Iain Moffatt is a professor of mathematics in Royal Holloway, University of London. His main research interests lie in the interactions between topology and combinatorics. He is especially interested in graph polynomials, topological graph theory, matroid theory, and knot theory. He has written more than 40 papers in these areas and is also the author of the book An Introduction to Quantum and Vassiliev Knot invariants.

Ellis-Monaghan and Moffatt have authored several papers on the Tutte polynomial and related graph polynomials together as well as the book Graphs on surfaces: Dualities, Polynomials, and Knots.

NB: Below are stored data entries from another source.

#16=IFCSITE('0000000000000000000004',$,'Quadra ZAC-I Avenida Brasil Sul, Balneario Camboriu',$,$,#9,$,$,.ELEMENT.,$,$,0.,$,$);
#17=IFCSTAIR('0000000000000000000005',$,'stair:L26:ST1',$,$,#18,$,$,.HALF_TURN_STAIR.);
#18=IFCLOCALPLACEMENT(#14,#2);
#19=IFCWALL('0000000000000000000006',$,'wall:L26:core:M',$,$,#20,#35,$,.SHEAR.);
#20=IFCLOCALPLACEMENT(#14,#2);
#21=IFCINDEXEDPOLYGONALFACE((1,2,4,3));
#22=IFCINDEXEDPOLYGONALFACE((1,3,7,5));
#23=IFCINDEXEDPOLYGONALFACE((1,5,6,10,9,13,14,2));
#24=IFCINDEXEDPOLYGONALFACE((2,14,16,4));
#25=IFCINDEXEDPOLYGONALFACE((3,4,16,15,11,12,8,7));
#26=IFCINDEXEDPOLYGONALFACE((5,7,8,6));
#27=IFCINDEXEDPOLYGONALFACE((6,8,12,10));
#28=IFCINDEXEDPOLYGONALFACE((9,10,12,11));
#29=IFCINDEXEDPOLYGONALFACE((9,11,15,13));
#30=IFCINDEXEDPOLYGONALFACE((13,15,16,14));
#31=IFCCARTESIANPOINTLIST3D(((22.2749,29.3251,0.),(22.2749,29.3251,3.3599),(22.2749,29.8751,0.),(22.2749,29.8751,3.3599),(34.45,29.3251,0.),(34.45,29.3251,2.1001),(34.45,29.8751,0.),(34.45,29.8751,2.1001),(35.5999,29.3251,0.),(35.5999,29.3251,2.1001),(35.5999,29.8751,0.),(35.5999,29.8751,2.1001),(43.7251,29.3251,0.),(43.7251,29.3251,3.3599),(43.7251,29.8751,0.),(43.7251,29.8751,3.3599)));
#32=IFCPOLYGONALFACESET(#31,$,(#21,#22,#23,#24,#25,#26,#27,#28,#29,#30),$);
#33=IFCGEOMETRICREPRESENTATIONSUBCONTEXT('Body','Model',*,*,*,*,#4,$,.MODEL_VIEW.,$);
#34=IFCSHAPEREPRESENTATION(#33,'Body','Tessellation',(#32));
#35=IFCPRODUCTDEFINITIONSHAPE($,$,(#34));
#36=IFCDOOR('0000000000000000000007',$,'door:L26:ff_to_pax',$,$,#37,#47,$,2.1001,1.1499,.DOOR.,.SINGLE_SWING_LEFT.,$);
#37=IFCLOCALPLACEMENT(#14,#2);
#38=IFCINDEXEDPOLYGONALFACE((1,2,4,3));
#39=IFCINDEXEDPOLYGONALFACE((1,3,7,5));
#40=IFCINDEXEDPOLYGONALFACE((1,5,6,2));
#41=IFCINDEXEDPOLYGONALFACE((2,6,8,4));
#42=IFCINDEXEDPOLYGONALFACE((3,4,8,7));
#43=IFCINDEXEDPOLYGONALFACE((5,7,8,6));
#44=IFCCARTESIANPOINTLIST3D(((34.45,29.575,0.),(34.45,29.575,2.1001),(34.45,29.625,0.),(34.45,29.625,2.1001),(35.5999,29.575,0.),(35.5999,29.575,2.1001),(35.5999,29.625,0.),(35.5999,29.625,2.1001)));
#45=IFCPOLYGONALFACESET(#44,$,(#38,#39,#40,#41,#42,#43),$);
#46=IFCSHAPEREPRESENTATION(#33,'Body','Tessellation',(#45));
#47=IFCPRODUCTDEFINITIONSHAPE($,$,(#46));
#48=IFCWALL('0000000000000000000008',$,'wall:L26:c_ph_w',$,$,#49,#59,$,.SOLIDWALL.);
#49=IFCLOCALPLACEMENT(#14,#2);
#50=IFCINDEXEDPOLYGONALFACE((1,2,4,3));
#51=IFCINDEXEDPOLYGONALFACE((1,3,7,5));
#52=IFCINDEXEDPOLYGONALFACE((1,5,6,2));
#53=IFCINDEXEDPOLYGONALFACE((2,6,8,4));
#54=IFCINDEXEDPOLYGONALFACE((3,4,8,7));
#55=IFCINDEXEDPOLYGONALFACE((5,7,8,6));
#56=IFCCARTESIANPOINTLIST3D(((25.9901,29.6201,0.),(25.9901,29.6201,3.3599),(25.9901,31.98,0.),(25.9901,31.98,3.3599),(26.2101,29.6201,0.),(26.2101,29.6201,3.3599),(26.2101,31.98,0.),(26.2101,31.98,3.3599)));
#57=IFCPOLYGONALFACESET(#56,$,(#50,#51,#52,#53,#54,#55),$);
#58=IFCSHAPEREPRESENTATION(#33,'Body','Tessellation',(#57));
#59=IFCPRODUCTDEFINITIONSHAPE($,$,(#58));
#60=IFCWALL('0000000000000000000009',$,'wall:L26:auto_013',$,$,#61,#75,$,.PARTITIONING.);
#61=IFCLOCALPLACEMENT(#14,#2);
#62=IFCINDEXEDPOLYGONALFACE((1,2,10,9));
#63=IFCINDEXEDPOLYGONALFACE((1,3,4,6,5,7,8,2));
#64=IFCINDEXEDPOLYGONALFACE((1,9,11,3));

"This is a comprehensive reference text on the Tutte polynomial, including its applications and extensions. The book consists of 34 relatively short chapters written by different contributing authors. The individual contributors present the most important theorems in their respective fields and illustrate them with examples. Each chapter ends with a list of open problems. Two brief introductory chapters by the editors—Ellis-Monaghan (Univ. of Amsterdam) and Moffatt (Royal Holloway, University of London)—cover the basic definitions and computational results for Tutte polynomials. The next two-thirds of the book are devoted to applications and extensions, that is, uses and occurrences of Tutte polynomials outside graph theory or matroid theory. Hyperplane arrangements, quantum field theory, network reliability, the sandpile model, and chipfiring games are a few examples of the topics treated. The book concludes with a chapter on the history of the subject written by Graham Farr. It follows from the nature of the volume (i.e., no proofs, no exercises, very broad topical coverage, and more than 50 authors) that classroom use of the book is unlikely. Nonetheless, this work is likely to become the most frequently consulted reference on Tutte polynomials."

Summing Up: Highly recommended. Graduate students and faculty.

-Choice Review